From Bullets to Books: Vets Reintegrate into the Academy

The war to earn an education raged on as the number of veterans occupying Bunker Hill Community College grew even larger this semester.

Bunker Hill unveiled their new Veteran’s Learning Community seminar this semester entitled, “The Military: Life Before, During and After.” The seminar helps veterans transition into an educational environment and provides them with the tools necessary to succeed in college.

According to their flier, “The Military: Life Before, During and After” is a three credit course focused on helping veterans work through the process of transitioning to academic life.

“It provides an opportunity for a very deserving group of people,” said Doug Clifford, Professor of English and instructor of the Veterans Seminar, who also served in the Air Force from 1966 to 1969. “And I think that community colleges especially are in a position to provide that opportunity for people. So it’s real nice to be part of a project like this.”
Throughout the semester, students are assigned a varity of books that relate to the military experience, including Tim O’Brien’s The Things They Carried, and Homer’s The Odyssey. The seminar also invites guest speakers who have experience working with veterans as well as with other college students.

“We have a whole kind of schedule planned to have people from both inside the college and outside the college,” Clifford said. “Like today, we had somebody come and speak to the class from the Vets Center which is sort of like a counseling and outreach program that’s part of the Veterans Affairs Department in the country.”

Clifford continued, “We’re going to have people from the Career Services offices here come and talk about what’s available from career services. We have had the students go over to the Instructional Technology Department to learn about what they are calling digitation, and we’re going to have a session at the library to learn about those kinds of services.”
Although Bunker Hill Community College requires all first year students to take a community learning seminar designed to help students acquaint themselves with other students and faculty, this semester’s Veterans Community Seminar is the first of it’s kind at the school.

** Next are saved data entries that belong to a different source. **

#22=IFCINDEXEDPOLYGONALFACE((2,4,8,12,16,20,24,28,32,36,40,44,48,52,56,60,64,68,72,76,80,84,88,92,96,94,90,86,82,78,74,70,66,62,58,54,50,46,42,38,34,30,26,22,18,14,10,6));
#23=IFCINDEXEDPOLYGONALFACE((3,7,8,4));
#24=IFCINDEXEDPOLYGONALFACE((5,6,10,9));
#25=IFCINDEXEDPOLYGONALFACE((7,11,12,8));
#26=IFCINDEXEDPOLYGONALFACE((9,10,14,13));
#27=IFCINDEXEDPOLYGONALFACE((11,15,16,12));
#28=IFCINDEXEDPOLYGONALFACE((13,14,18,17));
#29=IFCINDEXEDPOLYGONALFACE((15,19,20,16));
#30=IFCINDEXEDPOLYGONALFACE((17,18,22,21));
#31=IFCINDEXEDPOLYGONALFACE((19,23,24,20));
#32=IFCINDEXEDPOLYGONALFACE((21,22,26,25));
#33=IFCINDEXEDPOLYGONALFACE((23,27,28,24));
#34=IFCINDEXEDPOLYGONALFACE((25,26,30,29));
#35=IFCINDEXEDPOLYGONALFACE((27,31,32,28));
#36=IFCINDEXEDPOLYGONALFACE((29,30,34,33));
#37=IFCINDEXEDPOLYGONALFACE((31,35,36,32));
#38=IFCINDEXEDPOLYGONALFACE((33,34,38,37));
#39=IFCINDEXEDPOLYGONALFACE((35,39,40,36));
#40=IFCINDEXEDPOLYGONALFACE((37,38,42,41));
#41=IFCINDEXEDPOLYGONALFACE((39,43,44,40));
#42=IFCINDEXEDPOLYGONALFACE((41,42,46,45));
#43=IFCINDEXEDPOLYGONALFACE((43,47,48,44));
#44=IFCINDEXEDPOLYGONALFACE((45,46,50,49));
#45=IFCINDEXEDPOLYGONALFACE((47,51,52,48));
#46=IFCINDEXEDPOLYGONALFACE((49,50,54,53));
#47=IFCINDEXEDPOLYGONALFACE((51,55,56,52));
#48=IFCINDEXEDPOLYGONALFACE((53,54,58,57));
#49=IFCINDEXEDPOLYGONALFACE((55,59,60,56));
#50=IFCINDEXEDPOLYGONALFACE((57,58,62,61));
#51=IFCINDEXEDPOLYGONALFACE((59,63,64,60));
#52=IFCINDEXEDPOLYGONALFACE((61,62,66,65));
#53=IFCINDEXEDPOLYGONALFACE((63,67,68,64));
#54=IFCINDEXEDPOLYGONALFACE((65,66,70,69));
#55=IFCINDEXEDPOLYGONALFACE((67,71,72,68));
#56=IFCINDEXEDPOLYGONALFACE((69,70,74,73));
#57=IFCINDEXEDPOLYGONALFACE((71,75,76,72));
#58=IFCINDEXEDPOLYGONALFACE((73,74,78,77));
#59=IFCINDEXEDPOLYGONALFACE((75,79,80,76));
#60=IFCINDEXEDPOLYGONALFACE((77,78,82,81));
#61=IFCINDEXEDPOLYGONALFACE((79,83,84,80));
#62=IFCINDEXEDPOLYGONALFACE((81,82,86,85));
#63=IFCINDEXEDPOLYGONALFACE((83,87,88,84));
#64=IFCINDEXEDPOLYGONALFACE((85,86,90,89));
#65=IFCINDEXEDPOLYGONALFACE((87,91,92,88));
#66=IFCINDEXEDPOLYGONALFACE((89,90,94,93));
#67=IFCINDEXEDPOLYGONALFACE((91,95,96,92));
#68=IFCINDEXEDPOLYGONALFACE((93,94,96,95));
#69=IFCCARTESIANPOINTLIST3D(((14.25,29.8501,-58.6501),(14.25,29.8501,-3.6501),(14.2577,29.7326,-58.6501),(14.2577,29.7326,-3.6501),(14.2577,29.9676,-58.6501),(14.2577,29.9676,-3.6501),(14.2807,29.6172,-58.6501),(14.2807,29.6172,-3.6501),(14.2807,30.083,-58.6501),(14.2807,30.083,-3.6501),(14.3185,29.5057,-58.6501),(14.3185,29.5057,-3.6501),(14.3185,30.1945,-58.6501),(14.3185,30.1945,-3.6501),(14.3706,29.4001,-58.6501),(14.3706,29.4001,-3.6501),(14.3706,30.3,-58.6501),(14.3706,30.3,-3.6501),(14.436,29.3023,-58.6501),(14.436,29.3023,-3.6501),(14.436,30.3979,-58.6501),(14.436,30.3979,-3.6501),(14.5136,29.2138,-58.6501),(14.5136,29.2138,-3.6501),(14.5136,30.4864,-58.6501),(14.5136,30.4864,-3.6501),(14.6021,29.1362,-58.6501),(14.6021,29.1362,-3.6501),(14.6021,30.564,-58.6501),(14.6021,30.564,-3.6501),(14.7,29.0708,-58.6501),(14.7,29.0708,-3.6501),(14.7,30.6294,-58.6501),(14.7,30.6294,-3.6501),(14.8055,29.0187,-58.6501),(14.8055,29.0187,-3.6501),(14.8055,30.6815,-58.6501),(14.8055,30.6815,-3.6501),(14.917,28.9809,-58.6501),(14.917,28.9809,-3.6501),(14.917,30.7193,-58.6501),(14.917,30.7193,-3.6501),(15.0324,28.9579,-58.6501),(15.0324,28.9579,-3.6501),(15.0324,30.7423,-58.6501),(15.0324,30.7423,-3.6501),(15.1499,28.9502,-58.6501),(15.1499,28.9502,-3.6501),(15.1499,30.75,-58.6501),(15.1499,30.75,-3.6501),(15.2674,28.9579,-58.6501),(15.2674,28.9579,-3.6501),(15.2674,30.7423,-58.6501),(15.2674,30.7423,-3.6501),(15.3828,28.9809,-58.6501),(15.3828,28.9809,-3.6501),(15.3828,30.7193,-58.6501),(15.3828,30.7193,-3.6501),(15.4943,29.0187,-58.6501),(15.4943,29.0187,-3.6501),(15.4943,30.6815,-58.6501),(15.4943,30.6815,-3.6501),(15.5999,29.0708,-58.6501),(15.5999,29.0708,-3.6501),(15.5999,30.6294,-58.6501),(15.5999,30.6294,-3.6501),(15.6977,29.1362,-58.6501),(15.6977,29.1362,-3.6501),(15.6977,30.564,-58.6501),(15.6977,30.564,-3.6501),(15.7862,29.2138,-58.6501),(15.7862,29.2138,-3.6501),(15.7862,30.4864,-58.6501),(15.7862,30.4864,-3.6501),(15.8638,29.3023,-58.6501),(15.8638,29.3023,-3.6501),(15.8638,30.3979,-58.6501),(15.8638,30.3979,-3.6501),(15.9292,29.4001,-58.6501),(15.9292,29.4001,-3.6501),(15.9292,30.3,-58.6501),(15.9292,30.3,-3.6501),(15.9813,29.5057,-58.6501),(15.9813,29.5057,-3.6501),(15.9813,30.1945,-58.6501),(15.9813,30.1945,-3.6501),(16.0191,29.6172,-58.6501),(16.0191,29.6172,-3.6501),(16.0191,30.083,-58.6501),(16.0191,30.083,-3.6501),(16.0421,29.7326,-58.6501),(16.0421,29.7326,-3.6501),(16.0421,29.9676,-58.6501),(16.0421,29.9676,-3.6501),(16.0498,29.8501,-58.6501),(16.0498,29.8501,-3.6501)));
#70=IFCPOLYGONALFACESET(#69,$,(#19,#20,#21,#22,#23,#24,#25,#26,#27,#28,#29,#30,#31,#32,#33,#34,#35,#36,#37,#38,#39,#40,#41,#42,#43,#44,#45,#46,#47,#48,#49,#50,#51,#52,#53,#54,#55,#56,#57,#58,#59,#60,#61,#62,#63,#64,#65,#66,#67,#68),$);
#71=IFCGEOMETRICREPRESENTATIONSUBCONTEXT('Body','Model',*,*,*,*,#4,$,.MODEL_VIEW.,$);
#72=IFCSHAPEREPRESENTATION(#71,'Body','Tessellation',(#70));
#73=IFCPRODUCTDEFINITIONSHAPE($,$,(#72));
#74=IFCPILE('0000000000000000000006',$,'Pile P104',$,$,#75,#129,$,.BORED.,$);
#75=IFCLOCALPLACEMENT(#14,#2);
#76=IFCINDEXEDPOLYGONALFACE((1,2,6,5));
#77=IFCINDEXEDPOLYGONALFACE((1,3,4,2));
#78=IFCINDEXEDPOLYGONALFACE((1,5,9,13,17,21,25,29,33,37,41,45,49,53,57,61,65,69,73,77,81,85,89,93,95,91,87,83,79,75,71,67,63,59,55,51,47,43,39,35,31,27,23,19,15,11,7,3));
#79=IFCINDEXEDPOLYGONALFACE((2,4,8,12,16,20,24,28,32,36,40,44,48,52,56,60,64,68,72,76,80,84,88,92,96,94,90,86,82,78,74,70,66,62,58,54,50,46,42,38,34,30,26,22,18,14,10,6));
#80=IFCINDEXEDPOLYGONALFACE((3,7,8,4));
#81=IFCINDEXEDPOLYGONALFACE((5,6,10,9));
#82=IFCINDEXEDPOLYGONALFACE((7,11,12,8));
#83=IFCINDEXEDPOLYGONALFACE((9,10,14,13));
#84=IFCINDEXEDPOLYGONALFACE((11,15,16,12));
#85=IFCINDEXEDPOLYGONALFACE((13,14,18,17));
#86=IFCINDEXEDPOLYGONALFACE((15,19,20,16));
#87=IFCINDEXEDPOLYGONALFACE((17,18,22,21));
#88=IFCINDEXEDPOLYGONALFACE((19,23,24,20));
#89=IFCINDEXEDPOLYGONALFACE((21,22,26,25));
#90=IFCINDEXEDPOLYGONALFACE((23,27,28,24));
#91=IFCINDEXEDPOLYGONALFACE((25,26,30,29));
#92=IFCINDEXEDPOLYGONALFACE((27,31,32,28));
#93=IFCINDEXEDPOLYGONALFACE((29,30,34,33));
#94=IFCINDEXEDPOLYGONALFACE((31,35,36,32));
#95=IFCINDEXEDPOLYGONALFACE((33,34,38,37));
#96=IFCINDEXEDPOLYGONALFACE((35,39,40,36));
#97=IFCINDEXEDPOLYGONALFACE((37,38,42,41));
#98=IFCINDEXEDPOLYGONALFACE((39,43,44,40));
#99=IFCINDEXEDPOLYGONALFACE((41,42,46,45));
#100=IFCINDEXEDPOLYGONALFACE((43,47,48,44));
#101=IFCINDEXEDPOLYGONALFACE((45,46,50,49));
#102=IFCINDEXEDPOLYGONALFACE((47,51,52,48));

“We had talked right before Christmas, the day before vacation,” said Dr. Kathleen O’Neil, who teaches Principles of Psychology along with the Veterans Seminar. “Then we came back in January and just brainstormed how it could work. And we got different people agreeing that the Veterans Seminar would be good to do in September, and we said if it’s good to do in September it would also be good to do right now.”
Since deciding to unveil the seminar early, the first group of veterans to take the class has had positive things to say about it.
“They’re doing a good job trying to put a lot of different things together for us,” said Stony Timmons, a criminal justice major who served in the Navy for six years.

Bill Peters, who currently serves in the National Guard, and will be serving in Afghanistan starting next August, added “I think everybody is trying to figure out good ways to approach different topics that veterans face, and we’re all putting in as much work as we can so that way as the class progresses we will have a better way of taking care of the all veterans.”
Although the veterans have taken their first steps towards re-acquainting themselves with an academic setting, they still face many struggles adjusting to civilian life.

“Having to deal with people who don’t think the same way,” said Jacob Yearley, who also served in the Navy for 3 years, of the difficulties he has faced. “Having to come back to a civilized life, it’s not the same. You have a lot less patience when you get out of the military, because everything’s, do it the way it’s said and that’s it.”

While the military seminar has provided veterans with an opportunity to reintegrate into academic life, it has also been an educational experience for its professors.

“It’s just exciting. It’s exciting and invigorating to hear their stories, to hear them become companions to each other,” said O’Neil.